Carlos Galindo-Elvira , chief development officer, said Valle del Sol is “up and running” in northern New Mexico, has hired staff at all sites, and is training them as well as meeting with families.

He said he has met with school personnel and officials of other agencies that would refer children for services and distributed letters that parents can use to authorize the release of records.

“We are moving forward as fast as we can and as ethically as we can” to provide services, Galindo-Elvira said.

In the first of the transitions, when Arizona-based La Frontera took over at the end of July from Southwest Counseling Center in Las Cruces, the Arizona company discovered that Southwest’s computers were in storage – potential evidence in the ongoing investigation by the attorney general of possible fraud among the 15 providers.

“That was an issue we didn’t anticipate, to be honest,” said La Frontera CEO Dan Ranieri.

Medical records weren’t accessible, and neither were client schedules, so La Frontera began keeping schedules on paper and getting clients to sign releases as they came in for services.

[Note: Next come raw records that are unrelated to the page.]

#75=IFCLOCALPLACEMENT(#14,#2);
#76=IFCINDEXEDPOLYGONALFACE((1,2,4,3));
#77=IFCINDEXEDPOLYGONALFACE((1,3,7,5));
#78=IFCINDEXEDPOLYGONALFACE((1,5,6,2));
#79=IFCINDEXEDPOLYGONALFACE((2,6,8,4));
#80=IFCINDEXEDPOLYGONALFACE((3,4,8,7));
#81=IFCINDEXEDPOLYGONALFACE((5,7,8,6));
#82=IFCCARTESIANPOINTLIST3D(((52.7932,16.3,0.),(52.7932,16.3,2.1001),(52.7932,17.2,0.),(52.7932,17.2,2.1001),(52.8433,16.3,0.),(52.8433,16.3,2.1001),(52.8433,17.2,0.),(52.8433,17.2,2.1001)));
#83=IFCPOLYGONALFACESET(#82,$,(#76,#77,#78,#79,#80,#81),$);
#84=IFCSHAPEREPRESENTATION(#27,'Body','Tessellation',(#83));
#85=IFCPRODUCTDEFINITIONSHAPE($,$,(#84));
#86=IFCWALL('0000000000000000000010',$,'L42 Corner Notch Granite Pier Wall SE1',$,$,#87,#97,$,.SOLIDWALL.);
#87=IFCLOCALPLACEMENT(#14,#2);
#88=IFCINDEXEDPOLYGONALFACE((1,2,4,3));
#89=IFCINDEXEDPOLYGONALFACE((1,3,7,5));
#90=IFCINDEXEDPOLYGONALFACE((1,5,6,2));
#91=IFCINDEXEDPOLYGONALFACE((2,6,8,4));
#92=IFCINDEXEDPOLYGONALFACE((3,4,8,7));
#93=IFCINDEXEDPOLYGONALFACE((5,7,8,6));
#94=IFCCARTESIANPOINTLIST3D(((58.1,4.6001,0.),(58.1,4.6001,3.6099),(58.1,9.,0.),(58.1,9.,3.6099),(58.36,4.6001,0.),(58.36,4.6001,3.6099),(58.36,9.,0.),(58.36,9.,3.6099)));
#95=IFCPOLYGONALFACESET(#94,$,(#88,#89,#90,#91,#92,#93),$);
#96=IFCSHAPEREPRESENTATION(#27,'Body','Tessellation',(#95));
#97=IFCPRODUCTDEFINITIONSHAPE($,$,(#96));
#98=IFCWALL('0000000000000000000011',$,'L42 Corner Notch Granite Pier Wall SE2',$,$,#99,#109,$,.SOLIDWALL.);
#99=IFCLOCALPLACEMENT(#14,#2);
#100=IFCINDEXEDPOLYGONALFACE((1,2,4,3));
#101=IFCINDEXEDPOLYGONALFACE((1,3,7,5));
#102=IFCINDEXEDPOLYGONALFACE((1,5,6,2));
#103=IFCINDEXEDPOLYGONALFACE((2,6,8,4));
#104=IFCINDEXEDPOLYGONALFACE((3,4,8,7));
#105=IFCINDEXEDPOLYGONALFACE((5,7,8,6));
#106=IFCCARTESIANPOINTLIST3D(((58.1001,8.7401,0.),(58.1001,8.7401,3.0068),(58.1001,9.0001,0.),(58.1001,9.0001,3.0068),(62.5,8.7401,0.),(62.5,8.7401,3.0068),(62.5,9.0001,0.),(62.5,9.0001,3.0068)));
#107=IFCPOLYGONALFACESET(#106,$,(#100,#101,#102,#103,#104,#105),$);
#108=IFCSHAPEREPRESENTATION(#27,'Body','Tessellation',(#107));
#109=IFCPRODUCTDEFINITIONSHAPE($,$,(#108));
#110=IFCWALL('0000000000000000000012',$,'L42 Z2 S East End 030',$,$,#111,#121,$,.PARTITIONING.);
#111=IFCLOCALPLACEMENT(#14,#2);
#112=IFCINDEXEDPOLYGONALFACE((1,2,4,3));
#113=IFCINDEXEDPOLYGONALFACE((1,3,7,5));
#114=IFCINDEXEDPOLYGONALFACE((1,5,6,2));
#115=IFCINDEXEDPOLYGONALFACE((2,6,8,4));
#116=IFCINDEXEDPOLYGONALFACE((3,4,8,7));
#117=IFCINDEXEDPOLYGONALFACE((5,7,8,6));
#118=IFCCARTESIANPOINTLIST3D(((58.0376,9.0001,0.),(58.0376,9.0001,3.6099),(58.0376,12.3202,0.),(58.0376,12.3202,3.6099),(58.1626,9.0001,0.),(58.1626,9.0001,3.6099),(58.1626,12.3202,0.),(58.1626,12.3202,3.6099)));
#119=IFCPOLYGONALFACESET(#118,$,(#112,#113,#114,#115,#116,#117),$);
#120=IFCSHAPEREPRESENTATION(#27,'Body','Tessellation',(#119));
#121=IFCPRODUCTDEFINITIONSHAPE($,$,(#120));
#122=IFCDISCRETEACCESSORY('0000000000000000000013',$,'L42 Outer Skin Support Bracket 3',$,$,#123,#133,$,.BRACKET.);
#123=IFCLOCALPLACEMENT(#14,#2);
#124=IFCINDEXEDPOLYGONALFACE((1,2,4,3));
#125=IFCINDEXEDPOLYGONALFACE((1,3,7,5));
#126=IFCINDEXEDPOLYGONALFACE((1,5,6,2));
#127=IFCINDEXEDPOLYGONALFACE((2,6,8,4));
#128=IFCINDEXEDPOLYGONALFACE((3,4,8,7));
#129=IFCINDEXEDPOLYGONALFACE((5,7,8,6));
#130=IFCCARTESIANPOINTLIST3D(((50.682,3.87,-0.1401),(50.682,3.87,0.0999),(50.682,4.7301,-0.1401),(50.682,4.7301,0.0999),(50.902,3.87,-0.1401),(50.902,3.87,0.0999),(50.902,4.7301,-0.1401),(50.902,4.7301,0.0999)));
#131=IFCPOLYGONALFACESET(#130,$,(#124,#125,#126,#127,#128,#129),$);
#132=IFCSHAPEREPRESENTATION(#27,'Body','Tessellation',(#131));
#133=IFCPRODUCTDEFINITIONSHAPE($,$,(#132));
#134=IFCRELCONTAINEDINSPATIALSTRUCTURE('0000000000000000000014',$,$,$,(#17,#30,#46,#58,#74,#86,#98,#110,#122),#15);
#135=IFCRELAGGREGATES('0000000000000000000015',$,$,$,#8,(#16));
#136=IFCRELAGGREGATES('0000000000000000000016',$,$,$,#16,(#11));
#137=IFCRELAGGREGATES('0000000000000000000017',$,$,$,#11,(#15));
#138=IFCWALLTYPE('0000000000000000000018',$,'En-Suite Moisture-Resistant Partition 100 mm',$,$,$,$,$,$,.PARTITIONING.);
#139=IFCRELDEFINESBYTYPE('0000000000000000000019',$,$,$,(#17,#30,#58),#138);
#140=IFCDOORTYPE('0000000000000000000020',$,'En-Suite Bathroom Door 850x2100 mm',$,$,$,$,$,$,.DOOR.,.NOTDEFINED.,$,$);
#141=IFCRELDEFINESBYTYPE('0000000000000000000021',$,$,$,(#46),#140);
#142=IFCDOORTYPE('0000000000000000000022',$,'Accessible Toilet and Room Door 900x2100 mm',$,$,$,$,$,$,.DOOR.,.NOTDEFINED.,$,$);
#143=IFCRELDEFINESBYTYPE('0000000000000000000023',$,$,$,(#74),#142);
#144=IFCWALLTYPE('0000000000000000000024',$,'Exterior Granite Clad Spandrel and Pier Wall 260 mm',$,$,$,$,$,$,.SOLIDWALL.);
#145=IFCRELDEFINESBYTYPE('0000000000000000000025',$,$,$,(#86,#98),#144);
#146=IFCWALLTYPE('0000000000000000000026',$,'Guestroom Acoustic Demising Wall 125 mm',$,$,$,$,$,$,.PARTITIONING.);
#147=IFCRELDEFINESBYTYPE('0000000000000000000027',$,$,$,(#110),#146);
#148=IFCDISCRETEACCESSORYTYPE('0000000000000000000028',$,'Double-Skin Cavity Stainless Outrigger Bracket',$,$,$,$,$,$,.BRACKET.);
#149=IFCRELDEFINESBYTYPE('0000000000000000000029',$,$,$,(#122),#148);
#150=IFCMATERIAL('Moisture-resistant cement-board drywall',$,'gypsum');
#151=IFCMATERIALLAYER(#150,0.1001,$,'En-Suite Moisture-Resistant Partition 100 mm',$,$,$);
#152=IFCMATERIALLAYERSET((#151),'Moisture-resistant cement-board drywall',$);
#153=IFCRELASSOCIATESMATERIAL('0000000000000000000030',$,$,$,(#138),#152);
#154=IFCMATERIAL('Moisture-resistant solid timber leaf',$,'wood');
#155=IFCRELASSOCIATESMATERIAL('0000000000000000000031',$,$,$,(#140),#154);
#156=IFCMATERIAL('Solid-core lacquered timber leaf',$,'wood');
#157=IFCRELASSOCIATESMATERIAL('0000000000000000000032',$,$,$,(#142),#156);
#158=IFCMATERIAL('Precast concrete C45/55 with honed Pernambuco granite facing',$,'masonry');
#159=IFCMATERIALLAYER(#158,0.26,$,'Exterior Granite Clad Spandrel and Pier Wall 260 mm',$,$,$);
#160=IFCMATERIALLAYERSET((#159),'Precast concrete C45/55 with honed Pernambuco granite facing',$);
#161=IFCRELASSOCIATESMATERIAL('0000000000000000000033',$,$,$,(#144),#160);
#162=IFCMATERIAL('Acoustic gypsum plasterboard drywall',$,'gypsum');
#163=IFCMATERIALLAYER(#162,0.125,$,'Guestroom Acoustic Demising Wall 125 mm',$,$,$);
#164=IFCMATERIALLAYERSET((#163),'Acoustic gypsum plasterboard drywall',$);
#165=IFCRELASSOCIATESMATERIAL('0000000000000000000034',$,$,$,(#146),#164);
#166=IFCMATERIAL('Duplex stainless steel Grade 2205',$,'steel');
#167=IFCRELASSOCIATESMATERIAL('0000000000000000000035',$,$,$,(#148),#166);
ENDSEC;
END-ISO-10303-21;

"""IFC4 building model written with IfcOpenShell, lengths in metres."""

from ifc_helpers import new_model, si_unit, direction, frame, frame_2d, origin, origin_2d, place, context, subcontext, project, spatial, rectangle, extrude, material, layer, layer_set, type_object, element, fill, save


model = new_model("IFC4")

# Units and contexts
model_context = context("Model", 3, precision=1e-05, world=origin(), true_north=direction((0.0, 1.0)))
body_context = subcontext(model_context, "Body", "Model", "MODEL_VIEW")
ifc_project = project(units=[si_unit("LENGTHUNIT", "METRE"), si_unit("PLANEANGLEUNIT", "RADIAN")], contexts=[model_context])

La Frontera has bought computers and is training staff in a new system.

The HSD says it may need nearly $18 million to pay the Arizona companies during the transition, and the Legislative Finance Committee, which reviews the transfer of funds within agency budgets, recently gave HSD the go-ahead to shift $7.5 million within its budget for that purpose.

But the LFC objected to the transfer of an additional $10.3 million and scheduled a hearing on the matter for Aug. 21. The LFC says the additional money is premature, the contract amounts and payment rates are high, and HSD has not provided requested information about what the New Mexico providers did wrong. And it said the transitions appear to be disrupting services.

The LFC can delay the funds transfer until the hearing, but can’t stop it. HSD’s Kennicott said the delay won’t cause a problem because the Arizona providers haven’t started billing yet.